AI for Symbolic Math (2021–)
Mathematics is one of the most precious human heritage. To preserve mathematical knowledge even beyond the human era, in collaborations with the University of Tartu, we develop new methods to solve symbolic math tasks (differentiation, integration, PDE, linear algebra, etc.) with machine learning models such as neural networks. The key ideas behind our approach are to exploit the underlying structures (e.g., tree-like structures) behind symbolic math tasks and transform the symbolic math tasks into tasks such as language translations that deep learning models can do well.
NASA RASPBERRY-SI (2020–)
In this collaborative project (USC, CMU, York, UArk, NASA JPL/Ames/GRC), we develop technologies that enable learning-based autonomous planning and adaptation of space landers.
Causal AI: Structure Learning and Transfer Learning (2018–)
In this project, we are addressing the following important questions from theoretical and empirical perspectives: (i) How to learn reliable causal structures from data and how to use the learned causal structures for identifying causal invariances across environments? (ii) How to use the causal structure learning and counterfactual reasoning based on causal invariances for systems problems? In particular, we are extremely interested to apply these theoretical advancements for an explainable and guided performance debugging of highly-configurable systems.

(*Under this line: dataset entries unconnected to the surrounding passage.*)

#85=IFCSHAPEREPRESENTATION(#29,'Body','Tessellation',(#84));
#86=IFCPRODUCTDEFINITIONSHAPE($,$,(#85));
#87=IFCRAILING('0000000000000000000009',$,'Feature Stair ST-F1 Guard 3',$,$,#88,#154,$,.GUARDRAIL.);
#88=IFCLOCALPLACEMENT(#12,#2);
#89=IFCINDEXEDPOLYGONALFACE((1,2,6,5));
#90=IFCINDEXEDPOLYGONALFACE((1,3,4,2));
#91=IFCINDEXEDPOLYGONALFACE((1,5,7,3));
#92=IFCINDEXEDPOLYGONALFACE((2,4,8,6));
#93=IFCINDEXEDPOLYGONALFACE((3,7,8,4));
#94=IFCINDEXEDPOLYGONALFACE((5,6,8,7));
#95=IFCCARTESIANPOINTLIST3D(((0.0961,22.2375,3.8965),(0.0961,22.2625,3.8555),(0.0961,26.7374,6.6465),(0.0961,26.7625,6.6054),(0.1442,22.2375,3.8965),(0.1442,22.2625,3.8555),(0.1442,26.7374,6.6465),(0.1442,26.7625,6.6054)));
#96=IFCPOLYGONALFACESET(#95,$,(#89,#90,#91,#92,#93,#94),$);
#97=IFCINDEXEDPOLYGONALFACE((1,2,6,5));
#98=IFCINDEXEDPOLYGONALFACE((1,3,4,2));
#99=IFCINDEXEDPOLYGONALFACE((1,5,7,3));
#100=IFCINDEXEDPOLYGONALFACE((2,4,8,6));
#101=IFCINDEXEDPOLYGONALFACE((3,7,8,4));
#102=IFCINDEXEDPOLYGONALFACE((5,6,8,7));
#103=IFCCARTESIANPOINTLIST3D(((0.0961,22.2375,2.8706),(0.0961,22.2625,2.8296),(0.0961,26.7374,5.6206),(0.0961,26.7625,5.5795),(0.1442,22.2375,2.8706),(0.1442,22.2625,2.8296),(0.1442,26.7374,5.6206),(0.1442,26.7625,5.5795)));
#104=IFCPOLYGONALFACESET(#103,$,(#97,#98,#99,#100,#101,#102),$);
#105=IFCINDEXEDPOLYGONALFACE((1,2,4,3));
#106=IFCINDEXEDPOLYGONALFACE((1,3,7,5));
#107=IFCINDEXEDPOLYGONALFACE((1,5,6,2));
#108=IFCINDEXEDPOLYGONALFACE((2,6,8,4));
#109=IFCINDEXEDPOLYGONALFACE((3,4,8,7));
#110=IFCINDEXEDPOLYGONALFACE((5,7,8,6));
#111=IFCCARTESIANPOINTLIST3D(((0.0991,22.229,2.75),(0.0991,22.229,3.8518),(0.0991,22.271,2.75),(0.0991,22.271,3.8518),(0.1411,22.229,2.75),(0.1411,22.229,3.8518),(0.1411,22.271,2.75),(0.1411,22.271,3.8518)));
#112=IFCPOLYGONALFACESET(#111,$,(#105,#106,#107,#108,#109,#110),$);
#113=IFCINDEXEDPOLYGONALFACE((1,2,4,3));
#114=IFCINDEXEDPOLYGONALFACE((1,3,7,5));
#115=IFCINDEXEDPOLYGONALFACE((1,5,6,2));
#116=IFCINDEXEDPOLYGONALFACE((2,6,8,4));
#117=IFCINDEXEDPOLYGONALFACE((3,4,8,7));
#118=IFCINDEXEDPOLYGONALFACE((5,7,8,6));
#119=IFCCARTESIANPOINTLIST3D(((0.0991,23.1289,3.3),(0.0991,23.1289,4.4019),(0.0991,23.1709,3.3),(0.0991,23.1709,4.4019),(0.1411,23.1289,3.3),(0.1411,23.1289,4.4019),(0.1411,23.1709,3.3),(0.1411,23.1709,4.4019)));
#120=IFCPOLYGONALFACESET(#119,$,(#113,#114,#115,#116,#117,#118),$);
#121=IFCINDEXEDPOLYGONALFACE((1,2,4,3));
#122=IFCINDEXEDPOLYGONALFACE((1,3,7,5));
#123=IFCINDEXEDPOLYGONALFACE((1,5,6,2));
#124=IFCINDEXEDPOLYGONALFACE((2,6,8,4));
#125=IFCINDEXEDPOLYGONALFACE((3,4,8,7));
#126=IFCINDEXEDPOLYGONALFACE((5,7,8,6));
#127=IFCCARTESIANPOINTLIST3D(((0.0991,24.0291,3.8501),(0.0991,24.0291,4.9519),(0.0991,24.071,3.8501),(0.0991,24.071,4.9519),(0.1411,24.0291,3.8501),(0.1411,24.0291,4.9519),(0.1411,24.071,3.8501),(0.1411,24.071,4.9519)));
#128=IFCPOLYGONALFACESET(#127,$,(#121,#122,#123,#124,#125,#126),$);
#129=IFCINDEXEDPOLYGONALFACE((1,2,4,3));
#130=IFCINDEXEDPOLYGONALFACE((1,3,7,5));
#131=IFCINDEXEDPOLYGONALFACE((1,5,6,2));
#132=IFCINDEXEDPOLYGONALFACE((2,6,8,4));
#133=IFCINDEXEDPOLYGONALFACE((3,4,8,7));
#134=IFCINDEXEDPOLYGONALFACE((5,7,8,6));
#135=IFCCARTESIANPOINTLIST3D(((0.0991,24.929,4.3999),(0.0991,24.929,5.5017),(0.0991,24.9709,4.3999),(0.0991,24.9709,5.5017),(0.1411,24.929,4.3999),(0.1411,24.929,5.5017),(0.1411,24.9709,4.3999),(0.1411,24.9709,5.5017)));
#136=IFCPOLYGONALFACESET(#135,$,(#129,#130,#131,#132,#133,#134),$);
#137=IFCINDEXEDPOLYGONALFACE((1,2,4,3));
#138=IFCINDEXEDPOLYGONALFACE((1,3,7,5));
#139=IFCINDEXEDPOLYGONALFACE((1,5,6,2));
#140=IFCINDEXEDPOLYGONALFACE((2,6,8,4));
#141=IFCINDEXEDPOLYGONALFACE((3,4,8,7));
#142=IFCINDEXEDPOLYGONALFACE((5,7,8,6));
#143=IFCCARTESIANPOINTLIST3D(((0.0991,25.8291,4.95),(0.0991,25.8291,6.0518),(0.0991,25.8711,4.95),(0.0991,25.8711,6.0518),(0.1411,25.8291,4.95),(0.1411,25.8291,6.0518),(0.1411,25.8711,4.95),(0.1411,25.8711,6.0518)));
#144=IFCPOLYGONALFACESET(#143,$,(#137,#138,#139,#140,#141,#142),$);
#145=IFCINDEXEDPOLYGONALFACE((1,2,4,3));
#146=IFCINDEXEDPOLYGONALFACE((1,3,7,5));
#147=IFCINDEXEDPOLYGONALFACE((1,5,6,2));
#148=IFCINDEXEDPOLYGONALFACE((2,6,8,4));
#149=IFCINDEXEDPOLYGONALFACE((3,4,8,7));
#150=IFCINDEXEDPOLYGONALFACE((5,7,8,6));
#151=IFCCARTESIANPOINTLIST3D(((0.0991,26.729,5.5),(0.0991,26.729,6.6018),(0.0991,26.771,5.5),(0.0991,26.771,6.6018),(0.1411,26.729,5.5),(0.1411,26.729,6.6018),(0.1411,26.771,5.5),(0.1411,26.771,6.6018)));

Despite achieving state-of-the-art performance across many domains, machine learning systems are highly vulnerable to subtle adversarial perturbations. In this project, we propose Athena, an extensible framework for building effective defenses to adversarial attacks against machine learning systems.

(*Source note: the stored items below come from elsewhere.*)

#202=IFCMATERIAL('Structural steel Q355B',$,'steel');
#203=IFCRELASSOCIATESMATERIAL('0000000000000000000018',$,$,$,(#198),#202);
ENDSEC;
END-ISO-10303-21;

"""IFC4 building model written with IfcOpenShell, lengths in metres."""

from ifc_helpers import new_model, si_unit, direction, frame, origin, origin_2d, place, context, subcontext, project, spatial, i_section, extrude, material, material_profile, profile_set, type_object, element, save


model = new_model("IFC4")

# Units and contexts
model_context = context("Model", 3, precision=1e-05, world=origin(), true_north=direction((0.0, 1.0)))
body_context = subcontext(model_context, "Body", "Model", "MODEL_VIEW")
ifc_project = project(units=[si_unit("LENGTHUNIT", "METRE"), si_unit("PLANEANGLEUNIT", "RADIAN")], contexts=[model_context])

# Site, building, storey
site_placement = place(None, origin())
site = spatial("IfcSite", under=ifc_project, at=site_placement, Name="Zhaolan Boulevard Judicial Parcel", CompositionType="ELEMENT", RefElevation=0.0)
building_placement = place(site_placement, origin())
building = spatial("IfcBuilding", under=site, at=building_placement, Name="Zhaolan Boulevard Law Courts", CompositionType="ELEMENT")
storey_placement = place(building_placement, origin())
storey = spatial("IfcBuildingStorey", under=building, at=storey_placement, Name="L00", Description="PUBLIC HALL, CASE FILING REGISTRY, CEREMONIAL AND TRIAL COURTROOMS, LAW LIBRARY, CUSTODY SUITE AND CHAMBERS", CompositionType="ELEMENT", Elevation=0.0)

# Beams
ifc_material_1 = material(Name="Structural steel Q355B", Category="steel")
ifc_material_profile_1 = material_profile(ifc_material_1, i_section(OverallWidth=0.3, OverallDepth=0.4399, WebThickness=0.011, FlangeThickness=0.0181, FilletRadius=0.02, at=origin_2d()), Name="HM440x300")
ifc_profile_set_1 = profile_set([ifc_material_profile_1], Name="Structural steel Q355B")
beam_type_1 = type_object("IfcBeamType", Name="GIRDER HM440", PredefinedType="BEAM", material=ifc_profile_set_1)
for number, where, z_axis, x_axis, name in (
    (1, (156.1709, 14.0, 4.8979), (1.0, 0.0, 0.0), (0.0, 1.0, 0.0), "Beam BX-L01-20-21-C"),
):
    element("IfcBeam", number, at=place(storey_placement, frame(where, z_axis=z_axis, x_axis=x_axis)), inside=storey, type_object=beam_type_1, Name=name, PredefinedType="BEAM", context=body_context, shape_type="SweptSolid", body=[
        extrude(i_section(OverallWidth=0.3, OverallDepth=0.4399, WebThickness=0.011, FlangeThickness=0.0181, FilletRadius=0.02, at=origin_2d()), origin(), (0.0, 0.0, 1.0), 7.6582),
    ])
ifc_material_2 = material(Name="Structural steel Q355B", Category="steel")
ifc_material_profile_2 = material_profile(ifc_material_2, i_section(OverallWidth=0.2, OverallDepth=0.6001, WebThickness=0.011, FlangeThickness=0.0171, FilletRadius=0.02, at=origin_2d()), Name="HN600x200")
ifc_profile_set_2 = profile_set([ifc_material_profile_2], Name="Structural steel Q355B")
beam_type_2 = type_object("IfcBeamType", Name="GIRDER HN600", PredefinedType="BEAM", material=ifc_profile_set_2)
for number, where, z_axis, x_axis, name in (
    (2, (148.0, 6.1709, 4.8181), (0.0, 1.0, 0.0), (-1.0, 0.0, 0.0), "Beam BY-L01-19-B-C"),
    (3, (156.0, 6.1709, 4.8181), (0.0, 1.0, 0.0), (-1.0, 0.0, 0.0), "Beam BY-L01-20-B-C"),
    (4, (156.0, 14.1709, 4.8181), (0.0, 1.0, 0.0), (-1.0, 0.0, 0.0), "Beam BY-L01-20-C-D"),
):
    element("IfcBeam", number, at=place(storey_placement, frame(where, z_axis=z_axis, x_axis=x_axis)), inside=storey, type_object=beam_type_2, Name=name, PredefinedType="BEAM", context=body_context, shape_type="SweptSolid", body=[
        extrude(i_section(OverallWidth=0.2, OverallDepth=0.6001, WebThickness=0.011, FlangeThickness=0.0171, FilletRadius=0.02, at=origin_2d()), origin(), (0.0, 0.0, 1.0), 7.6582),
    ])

One of the key challenges in designing machine learning systems is to determine the right balance amongst several objectives, which also oftentimes are incommensurable and conflicting. For example, when designing deep neural networks (DNNs), one often has to trade-off between multiple objectives, such as accuracy, energy consumption, and inference time. We developed FlexiBO, a flexible Bayesian optimization method, to address this issue.
BRASS MARS (2016–)
How do you build a software system that can function for a century without being touched by a human engineer? This is the herculean task being undertaken by the DARPA Building Resource Adaptive Software System’s (BRASS) program. We, at UofSC with several collborators at CMU, have been developing learning mechanisms to be integrated with quantitative planning to adapt/reconfigure robots to overcome environmental changes at runtime.